Jan has gone to three conferences in the last week, a dean’s conference, the Southwestern Anthropological Association conference and a Google conference. As a result, her eating habits have been completely disrupted. Google especially fed her some very strange things, but one of the things she liked was a Vietnamese summer roll with lamb, instead of the usual shrimp or pork.
You can make summer rolls as a vegetarian dish, but I usually make them with shrimp and/or thin slices of Chinese barbecued pork. The idea of using lamb intrigued me. Could I make a summer roll with tender, flavorful slices of lamb like I can picture in my head?
In Vietnamese these rolls are called Gỏi cuốn (salad rolls). While they may properly be called either spring or summer rolls, they are more frequently referred to as “summer rolls” in America. This is most likely so they will not be confused with the more familiar (to Americans) Chinese fried spring rolls.
In restaurants this dish is usually listed as an appetizer, but I like to make them big and as a main course dinner salad. These are always popular in my house as a more interesting way to eat a salad. While chopping everything up and throwing it in a bowl may be easier on the cook, it does get boring.

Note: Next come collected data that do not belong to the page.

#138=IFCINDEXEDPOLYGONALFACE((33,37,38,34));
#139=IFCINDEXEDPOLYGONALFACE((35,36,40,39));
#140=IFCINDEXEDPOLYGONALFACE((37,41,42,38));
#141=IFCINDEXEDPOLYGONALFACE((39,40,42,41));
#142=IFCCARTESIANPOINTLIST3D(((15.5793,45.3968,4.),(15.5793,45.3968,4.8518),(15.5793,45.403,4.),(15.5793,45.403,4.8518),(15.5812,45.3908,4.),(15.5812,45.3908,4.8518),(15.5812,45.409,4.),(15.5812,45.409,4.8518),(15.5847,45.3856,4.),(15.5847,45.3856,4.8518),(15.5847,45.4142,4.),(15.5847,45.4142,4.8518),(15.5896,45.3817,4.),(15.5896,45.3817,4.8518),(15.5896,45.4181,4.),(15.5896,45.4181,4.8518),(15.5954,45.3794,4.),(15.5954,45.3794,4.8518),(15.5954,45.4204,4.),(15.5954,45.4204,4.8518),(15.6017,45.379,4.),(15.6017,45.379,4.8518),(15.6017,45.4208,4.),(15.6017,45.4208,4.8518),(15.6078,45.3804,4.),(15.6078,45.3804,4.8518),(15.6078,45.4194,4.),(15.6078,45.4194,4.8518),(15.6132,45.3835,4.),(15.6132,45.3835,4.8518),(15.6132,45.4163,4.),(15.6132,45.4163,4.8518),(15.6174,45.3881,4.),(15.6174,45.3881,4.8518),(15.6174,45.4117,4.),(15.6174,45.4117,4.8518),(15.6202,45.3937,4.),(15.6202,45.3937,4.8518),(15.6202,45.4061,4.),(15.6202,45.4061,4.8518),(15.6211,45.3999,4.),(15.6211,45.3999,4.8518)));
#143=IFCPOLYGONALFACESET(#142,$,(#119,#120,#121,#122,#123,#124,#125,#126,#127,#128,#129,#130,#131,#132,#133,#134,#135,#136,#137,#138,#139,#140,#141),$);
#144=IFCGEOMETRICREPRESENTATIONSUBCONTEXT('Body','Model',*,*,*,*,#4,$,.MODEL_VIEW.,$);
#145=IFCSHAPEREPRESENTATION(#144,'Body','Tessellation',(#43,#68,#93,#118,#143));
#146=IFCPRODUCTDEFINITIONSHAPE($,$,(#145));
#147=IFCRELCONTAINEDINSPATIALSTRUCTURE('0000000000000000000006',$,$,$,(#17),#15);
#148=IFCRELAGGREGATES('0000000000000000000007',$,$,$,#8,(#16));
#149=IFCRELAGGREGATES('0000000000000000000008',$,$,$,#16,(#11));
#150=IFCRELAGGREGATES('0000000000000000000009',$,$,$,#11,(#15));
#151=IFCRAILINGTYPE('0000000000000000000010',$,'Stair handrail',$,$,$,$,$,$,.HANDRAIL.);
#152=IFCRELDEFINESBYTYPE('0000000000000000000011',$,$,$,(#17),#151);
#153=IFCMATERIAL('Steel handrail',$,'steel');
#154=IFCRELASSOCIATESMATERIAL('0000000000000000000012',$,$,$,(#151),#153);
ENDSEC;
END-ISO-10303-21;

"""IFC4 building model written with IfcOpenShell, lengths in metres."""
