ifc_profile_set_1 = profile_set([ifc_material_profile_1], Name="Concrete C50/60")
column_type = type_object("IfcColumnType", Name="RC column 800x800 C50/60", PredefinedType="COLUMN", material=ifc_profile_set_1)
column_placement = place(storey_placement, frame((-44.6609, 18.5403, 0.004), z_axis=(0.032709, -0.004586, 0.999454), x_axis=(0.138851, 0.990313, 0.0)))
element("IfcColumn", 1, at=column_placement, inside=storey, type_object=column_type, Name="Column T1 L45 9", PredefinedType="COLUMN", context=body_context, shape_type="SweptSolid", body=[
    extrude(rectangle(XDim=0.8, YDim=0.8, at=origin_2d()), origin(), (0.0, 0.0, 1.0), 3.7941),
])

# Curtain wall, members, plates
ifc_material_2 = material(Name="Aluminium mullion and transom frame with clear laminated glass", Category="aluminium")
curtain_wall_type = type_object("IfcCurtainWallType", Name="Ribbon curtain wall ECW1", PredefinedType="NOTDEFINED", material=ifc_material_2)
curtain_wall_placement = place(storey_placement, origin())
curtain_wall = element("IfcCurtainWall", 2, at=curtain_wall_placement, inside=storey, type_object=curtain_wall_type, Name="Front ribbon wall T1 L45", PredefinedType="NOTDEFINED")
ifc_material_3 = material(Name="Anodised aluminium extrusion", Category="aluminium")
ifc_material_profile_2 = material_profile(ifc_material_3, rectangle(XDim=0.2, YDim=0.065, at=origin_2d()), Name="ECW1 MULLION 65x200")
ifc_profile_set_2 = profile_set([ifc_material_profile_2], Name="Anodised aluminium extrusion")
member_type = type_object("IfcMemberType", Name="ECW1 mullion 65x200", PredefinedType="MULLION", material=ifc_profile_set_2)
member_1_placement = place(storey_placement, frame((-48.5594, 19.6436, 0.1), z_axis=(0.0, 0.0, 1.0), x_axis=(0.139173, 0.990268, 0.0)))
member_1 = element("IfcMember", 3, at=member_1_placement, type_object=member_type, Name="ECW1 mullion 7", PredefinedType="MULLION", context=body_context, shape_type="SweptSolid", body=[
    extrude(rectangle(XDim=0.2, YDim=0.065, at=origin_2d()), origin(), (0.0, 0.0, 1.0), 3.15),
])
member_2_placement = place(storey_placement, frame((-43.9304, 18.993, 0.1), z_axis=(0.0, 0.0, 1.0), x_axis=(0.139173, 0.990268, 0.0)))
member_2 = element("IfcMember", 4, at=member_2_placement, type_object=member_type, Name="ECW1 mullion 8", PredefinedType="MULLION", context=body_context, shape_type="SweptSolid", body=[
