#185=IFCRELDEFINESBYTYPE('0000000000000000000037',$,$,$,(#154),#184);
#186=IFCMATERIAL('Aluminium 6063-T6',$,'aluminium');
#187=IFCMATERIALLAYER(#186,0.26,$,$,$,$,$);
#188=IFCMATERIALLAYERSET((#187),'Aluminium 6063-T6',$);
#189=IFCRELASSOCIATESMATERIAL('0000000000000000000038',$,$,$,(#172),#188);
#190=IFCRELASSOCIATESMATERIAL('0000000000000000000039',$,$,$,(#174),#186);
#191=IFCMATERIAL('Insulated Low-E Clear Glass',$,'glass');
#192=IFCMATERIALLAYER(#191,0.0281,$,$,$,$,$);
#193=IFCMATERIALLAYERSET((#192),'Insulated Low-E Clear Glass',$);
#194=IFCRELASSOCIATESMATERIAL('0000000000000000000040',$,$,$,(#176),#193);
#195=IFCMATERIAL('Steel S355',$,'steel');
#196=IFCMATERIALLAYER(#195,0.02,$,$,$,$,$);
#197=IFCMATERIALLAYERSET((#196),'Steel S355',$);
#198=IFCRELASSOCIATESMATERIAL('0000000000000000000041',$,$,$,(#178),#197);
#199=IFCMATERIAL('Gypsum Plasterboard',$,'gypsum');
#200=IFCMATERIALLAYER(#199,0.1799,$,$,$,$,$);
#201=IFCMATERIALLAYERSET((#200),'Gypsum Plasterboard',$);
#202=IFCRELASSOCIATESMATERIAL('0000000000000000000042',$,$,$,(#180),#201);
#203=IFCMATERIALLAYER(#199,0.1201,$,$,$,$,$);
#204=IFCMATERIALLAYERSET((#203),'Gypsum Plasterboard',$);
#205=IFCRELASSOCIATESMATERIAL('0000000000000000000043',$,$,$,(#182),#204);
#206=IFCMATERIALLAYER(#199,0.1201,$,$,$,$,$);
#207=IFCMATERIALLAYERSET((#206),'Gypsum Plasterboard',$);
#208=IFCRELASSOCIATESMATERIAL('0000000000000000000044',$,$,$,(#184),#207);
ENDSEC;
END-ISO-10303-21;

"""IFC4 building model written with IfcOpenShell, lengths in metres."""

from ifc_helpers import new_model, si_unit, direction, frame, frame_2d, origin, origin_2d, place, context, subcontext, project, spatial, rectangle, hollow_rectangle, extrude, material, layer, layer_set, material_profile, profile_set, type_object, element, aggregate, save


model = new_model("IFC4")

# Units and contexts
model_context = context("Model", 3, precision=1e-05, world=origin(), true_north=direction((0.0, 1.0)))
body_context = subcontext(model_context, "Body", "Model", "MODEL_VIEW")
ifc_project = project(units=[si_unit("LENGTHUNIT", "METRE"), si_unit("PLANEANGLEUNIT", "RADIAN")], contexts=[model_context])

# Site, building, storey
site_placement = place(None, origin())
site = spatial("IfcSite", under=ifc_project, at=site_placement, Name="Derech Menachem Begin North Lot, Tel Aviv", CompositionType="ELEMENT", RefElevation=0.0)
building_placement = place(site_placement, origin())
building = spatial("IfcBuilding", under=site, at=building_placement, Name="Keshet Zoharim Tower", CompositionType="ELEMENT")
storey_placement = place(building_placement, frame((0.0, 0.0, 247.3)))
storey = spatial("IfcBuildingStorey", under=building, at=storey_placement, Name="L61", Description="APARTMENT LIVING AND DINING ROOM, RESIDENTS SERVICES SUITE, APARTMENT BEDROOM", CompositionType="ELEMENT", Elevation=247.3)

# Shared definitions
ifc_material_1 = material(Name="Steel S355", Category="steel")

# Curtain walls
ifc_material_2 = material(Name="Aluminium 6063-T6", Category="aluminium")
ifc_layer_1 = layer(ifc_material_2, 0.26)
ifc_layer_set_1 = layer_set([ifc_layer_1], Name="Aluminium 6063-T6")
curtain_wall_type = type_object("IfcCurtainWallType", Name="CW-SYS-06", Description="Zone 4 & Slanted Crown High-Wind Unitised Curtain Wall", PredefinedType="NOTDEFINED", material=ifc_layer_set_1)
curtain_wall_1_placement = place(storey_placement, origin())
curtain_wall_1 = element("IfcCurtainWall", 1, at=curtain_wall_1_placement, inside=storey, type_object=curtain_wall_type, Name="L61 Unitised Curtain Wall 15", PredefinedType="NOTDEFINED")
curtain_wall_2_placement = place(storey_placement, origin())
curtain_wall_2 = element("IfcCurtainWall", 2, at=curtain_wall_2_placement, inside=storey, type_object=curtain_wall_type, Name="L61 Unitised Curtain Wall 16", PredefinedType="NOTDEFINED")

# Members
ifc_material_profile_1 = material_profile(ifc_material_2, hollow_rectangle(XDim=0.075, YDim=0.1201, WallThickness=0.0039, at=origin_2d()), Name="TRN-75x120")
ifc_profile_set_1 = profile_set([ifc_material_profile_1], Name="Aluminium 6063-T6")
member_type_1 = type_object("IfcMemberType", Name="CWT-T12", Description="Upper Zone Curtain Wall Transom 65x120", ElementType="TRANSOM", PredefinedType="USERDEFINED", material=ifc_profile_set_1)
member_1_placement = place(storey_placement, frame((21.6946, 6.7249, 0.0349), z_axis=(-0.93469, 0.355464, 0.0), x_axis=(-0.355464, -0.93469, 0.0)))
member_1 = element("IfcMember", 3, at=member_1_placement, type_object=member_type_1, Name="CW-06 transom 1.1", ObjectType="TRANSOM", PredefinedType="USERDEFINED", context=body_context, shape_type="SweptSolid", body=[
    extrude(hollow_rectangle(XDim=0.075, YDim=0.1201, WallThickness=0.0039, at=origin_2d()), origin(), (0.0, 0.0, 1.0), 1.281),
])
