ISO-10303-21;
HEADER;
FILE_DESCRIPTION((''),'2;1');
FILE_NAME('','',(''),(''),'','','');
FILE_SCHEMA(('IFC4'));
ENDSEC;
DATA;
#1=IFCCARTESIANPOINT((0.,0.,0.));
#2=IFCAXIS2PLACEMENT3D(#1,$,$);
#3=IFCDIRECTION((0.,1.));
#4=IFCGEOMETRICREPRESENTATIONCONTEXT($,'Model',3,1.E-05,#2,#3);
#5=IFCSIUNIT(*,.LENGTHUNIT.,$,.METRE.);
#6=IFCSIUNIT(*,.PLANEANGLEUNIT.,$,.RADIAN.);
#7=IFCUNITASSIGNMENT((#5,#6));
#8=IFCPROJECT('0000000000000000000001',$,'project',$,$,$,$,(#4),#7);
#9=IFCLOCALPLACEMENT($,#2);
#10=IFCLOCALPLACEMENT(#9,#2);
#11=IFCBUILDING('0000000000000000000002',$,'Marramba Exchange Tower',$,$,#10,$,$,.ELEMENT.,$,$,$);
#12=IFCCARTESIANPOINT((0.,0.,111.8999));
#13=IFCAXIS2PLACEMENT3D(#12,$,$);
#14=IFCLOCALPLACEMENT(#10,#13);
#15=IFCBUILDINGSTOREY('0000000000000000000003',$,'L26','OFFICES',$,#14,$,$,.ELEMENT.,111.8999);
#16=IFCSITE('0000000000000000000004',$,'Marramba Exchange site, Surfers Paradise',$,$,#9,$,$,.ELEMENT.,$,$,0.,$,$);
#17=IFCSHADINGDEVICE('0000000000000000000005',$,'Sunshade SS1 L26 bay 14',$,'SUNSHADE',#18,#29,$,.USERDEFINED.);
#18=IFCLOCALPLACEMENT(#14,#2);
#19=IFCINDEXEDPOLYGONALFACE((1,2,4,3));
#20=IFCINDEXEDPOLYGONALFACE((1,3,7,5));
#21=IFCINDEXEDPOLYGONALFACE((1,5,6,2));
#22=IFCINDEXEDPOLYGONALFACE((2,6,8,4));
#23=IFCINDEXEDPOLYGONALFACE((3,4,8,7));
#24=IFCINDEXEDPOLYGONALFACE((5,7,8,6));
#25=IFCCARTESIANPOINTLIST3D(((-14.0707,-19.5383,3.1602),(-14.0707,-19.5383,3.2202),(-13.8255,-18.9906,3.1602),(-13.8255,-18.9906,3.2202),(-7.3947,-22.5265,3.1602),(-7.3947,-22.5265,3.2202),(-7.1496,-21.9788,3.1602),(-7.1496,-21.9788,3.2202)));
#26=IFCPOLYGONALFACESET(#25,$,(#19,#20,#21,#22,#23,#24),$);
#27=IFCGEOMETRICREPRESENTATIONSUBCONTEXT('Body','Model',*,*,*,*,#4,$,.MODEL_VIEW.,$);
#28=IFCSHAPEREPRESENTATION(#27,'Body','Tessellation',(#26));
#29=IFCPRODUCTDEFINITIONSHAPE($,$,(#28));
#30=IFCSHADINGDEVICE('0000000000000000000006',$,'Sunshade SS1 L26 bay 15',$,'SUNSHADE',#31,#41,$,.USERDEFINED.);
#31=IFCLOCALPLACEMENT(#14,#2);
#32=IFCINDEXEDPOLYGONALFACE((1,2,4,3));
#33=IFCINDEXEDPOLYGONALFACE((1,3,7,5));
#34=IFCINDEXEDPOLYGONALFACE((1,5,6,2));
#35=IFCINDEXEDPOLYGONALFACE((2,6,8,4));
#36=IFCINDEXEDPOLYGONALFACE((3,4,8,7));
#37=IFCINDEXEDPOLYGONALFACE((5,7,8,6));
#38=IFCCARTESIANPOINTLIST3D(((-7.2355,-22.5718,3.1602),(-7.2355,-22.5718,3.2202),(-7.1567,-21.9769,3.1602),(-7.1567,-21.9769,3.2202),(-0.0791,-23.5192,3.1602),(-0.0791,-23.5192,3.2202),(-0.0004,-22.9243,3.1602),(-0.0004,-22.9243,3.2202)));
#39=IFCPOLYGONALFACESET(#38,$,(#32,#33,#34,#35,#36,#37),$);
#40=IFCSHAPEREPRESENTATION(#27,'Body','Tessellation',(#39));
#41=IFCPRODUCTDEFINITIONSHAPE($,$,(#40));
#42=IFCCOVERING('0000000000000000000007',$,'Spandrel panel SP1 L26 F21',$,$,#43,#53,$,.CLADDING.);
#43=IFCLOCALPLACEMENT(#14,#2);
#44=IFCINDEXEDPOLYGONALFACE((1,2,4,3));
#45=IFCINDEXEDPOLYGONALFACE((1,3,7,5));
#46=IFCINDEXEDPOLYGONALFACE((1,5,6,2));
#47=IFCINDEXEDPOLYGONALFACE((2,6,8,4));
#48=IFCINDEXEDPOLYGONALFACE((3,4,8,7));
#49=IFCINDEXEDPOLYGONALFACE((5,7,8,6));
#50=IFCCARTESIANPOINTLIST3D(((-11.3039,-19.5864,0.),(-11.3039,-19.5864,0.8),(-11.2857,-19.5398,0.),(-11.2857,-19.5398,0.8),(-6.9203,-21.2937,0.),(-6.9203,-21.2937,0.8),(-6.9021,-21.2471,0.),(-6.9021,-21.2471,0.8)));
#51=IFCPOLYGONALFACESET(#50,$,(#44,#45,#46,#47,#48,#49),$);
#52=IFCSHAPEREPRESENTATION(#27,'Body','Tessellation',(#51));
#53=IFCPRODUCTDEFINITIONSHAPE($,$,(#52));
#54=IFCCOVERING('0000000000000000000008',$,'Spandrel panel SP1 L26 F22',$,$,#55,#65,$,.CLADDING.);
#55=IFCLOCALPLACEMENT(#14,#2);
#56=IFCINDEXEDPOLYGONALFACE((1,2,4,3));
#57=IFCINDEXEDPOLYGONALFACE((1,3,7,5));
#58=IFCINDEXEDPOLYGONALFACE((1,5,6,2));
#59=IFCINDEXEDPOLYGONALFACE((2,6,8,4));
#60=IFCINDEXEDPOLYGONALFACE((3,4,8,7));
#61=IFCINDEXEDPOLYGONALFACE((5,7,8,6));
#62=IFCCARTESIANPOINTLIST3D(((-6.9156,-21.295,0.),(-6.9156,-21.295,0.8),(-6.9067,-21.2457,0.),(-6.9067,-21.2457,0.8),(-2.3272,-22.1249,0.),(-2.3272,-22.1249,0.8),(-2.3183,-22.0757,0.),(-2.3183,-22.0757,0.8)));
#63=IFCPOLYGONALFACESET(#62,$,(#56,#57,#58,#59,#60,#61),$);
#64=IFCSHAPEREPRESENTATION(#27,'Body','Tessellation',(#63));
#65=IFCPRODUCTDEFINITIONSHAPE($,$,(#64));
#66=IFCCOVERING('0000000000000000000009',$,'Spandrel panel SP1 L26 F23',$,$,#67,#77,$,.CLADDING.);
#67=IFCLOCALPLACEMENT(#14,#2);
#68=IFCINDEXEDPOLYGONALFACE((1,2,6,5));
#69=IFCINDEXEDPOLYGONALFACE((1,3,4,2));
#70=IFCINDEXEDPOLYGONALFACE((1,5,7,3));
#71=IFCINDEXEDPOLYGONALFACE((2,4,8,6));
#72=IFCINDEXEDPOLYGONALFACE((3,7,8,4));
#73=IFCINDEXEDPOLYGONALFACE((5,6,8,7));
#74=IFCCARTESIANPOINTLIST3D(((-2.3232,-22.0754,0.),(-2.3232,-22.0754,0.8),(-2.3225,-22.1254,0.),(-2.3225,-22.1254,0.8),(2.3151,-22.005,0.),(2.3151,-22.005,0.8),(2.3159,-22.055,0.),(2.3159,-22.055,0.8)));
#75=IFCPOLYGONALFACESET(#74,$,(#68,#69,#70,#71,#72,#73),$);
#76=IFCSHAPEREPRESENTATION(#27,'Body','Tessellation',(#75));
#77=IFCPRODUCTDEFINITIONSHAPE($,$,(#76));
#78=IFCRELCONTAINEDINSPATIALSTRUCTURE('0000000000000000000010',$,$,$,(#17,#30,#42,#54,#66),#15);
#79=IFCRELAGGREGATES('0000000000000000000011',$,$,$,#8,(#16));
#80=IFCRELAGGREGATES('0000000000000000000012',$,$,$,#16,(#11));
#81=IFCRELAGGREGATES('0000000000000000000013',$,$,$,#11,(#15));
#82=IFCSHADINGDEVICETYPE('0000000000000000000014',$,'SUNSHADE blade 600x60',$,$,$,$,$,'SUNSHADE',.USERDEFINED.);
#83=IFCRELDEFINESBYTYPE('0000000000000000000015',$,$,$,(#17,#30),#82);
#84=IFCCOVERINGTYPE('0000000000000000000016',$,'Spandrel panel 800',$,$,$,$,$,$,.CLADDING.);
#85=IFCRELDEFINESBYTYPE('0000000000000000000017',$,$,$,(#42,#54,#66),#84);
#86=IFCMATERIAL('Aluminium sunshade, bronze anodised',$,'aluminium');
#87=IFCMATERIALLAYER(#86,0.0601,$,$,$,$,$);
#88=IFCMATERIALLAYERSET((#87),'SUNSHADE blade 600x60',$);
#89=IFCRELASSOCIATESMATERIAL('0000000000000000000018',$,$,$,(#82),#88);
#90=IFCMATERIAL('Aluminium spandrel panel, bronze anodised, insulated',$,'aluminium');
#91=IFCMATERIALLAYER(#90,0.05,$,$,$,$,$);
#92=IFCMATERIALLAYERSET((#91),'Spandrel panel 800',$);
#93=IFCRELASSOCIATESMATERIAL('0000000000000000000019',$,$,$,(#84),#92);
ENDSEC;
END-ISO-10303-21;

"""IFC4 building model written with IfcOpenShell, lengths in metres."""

from ifc_helpers import new_model, si_unit, direction, frame, origin, origin_2d, place, context, subcontext, project, spatial, rectangle, extrude, material, layer, layer_set, type_object, element, save


model = new_model("IFC4")

# Units and contexts
model_context = context("Model", 3, precision=1e-05, world=origin(), true_north=direction((0.0, 1.0)))
body_context = subcontext(model_context, "Body", "Model", "MODEL_VIEW")
ifc_project = project(units=[si_unit("LENGTHUNIT", "METRE"), si_unit("PLANEANGLEUNIT", "RADIAN")], contexts=[model_context])

# Site, building, storey
site_placement = place(None, origin())
site = spatial("IfcSite", under=ifc_project, at=site_placement, Name="Marramba Exchange site, Surfers Paradise", CompositionType="ELEMENT", RefElevation=0.0)
building_placement = place(site_placement, origin())
building = spatial("IfcBuilding", under=site, at=building_placement, Name="Marramba Exchange Tower", CompositionType="ELEMENT")
storey_placement = place(building_placement, frame((0.0, 0.0, 111.8999)))
storey = spatial("IfcBuildingStorey", under=building, at=storey_placement, Name="L26", Description="OFFICES", CompositionType="ELEMENT", Elevation=111.8999)

# Shading devices
ifc_material_1 = material(Name="Aluminium sunshade, bronze anodised", Category="aluminium")
ifc_layer_1 = layer(ifc_material_1, 0.0601)
ifc_layer_set_1 = layer_set([ifc_layer_1], Name="SUNSHADE blade 600x60")
shading_device_type_1 = type_object("IfcShadingDeviceType", Name="SUNSHADE blade 600x60", ElementType="SUNSHADE", PredefinedType="USERDEFINED", material=ifc_layer_set_1)
shading_device_1_placement = place(storey_placement, frame((-10.6101, -20.7585, 3.1602), z_axis=(0.0, 0.0, 1.0), x_axis=(0.912736, -0.40855, 0.0)))
element("IfcShadingDevice", 1, at=shading_device_1_placement, inside=storey, type_object=shading_device_type_1, Name="Sunshade SS1 L26 bay 14", ObjectType="SUNSHADE", PredefinedType="USERDEFINED", context=body_context, shape_type="SweptSolid", body=[
    extrude(rectangle(XDim=7.3142, YDim=0.6001, at=origin_2d()), origin(), (0.0, 0.0, 1.0), 0.0601),
])
shading_device_2_placement = place(storey_placement, frame((-3.6179, -22.748, 3.1602), z_axis=(0.0, 0.0, 1.0), x_axis=(0.99135, -0.131241, 0.0)))
element("IfcShadingDevice", 2, at=shading_device_2_placement, inside=storey, type_object=shading_device_type_1, Name="Sunshade SS1 L26 bay 15", ObjectType="SUNSHADE", PredefinedType="USERDEFINED", context=body_context, shape_type="SweptSolid", body=[
    extrude(rectangle(XDim=7.2188, YDim=0.6001, at=origin_2d()), origin(), (0.0, 0.0, 1.0), 0.0601),
])

# Coverings
ifc_material_2 = material(Name="Aluminium spandrel panel, bronze anodised, insulated", Category="aluminium")
ifc_layer_2 = layer(ifc_material_2, 0.05)
ifc_layer_set_2 = layer_set([ifc_layer_2], Name="Spandrel panel 800")
covering_type = type_object("IfcCoveringType", Name="Spandrel panel 800", PredefinedType="CLADDING", material=ifc_layer_set_2)
covering_1_placement = place(storey_placement, frame((-9.103, -20.4167, 0.0), z_axis=(0.0, 0.0, 1.0), x_axis=(0.931818, -0.362925, 0.0)))
element("IfcCovering", 3, at=covering_1_placement, inside=storey, type_object=covering_type, Name="Spandrel panel SP1 L26 F21", PredefinedType="CLADDING", context=body_context, shape_type="SweptSolid", body=[
    extrude(rectangle(XDim=4.7043, YDim=0.05, at=origin_2d()), origin(), (0.0, 0.0, 1.0), 0.8),
])
covering_2_placement = place(storey_placement, frame((-4.6169, -21.6853, 0.0), z_axis=(0.0, 0.0, 1.0), x_axis=(0.984032, -0.177992, 0.0)))
element("IfcCovering", 4, at=covering_2_placement, inside=storey, type_object=covering_type, Name="Spandrel panel SP1 L26 F22", PredefinedType="CLADDING", context=body_context, shape_type="SweptSolid", body=[
    extrude(rectangle(XDim=4.6628, YDim=0.05, at=origin_2d()), origin(), (0.0, 0.0, 1.0), 0.8),
])
covering_3_placement = place(storey_placement, frame((-0.0037, -22.0652, 0.0), z_axis=(0.0, 0.0, 1.0), x_axis=(0.999885, 0.015179, 0.0)))
element("IfcCovering", 5, at=covering_3_placement, inside=storey, type_object=covering_type, Name="Spandrel panel SP1 L26 F23", PredefinedType="CLADDING", context=body_context, shape_type="SweptSolid", body=[
    extrude(rectangle(XDim=4.6389, YDim=0.05, at=origin_2d()), origin(), (0.0, 0.0, 1.0), 0.8),
])

save(model, "model.ifc")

Once you have all of the ingredients prepped and laid to hand, kids may like to pitch in. It can be a lot fun soaking, filling and rolling the rice paper wrappers up. This is good a dish to start children on because, while this part of the process can take some time, it does not involve any sharp knives or heat.
I like to use the thin rice vermicelli (Bánh hỏi). They are easier to chew in a summer roll than the thicker and straighter rice sticks that some recipes recommend. A package usually contains 7 pads (portions) of dried noodles, each of which are slightly less than 2 ounces.
Karl’s Vietnamese Summer Rolls (Gỏi cuốn)
Ingredients
8 oz. lamb shoulder chop
1 Tbs. oil
Salt and pepper to taste
4 ounces rice vermicelli (2 portions)
8 (12 inch) round rice paper wrappers
3 large green onions, separate uses
1 Persian cucumber
½+ cup mung bean sprouts
½+ cup mint leaves
½+ cup Thai basil leaves
½+ cup cilantro
Directions
1 Season the lamb and fry it in a hot skillet for 3 minutes on each sides. Wrap in foil and let rest until cool.
2. Soften the rice vermicelli in warm water or in Karl’s Lemongrass Clear Soup. Drain and set aside.
3. Cut the green tops off of the spring onions. Leave these whole, do not cut them up any further. When you are assembling the salad rolls you will take one or two leaves of onion and lay them flat across the direction you will be rolling. Reserve the white parts for the soup or slice them on a steep diagonal and use them like the green parts.
4. Wash the cucumber, trim the ends and cut it on the bias into long ovals. Set aside.
5. Rinse the bean sprouts, mint leaves, Thai basil leaves, and cilantro and separate them into individual leaves or small sprigs. Arrange each ingredient in a separate pile on a large plate and set aside.
6. Slice the meat into thin strips across the grain.
7. Prepare a wide shallow bowl or pan that is roomy enough dip most of the rice paper wrapper into without breaking. Partially fill it with warm, not hot, water.
8. Use a large dinner plate as a surface for rolling the summer rolls, and have a plate or tray handy to receive the finished rolls in a single layer.
Note: You do not want to stack the finished rolls or have them touching, because they will stick to each other.
9. Arrange the ingredients, plates and bowl around your work surface so that everything is within easy reach. A wide counter or table will do.
Note: This is the time to call any younger kids to assist.
10. Take one rice paper wrapper and dip the edge into the bowl of warm water. Start to rotate it as it softens until it is completely soft (10 to 15 seconds).
11. Lay the rice sheet on the rolling plate, so that the edge nearest you is just over the lip of the plate.
Tip: You do not want it too far over the lip or it will curl under and stick to the bottom of the plate. That would be bad, because it makes it harder to start to roll if it is stuck.
12. Lay 1/8 of the vermicelli in a loose sausage about a third of the way across the plate.
13. Lay 1-2 slices of cucumber on the noodles.
14. Take a bit of each of the vegetables and add them to the low long stack.
15. Take the wrapper edge closest to you and fold it over the stack to start the roll. Try to squeeze the rolls as tight as possible without ripping the rice paper.
16. Lay 1-2 onion leaves and some of the lamb along the leading edge of the roll.
17. Fold the outer edges of the rice paper in toward the center and role the vegetable sausage over the lamb and onion.
18. Continue rolling until you have a tight cylinder about 8 inches long and 1½ inches thick.
19. Lay this roll on a clean plate and repeat from step 10 until you have used up your ingredients. This should make seven or eight rolls, depending on how generous you are with each ingredient.
20. Serve with Karl’s Peanut Sauce on the side.
21. Any remaining rolls may be individually wrapped in wax paper to be eaten the next day.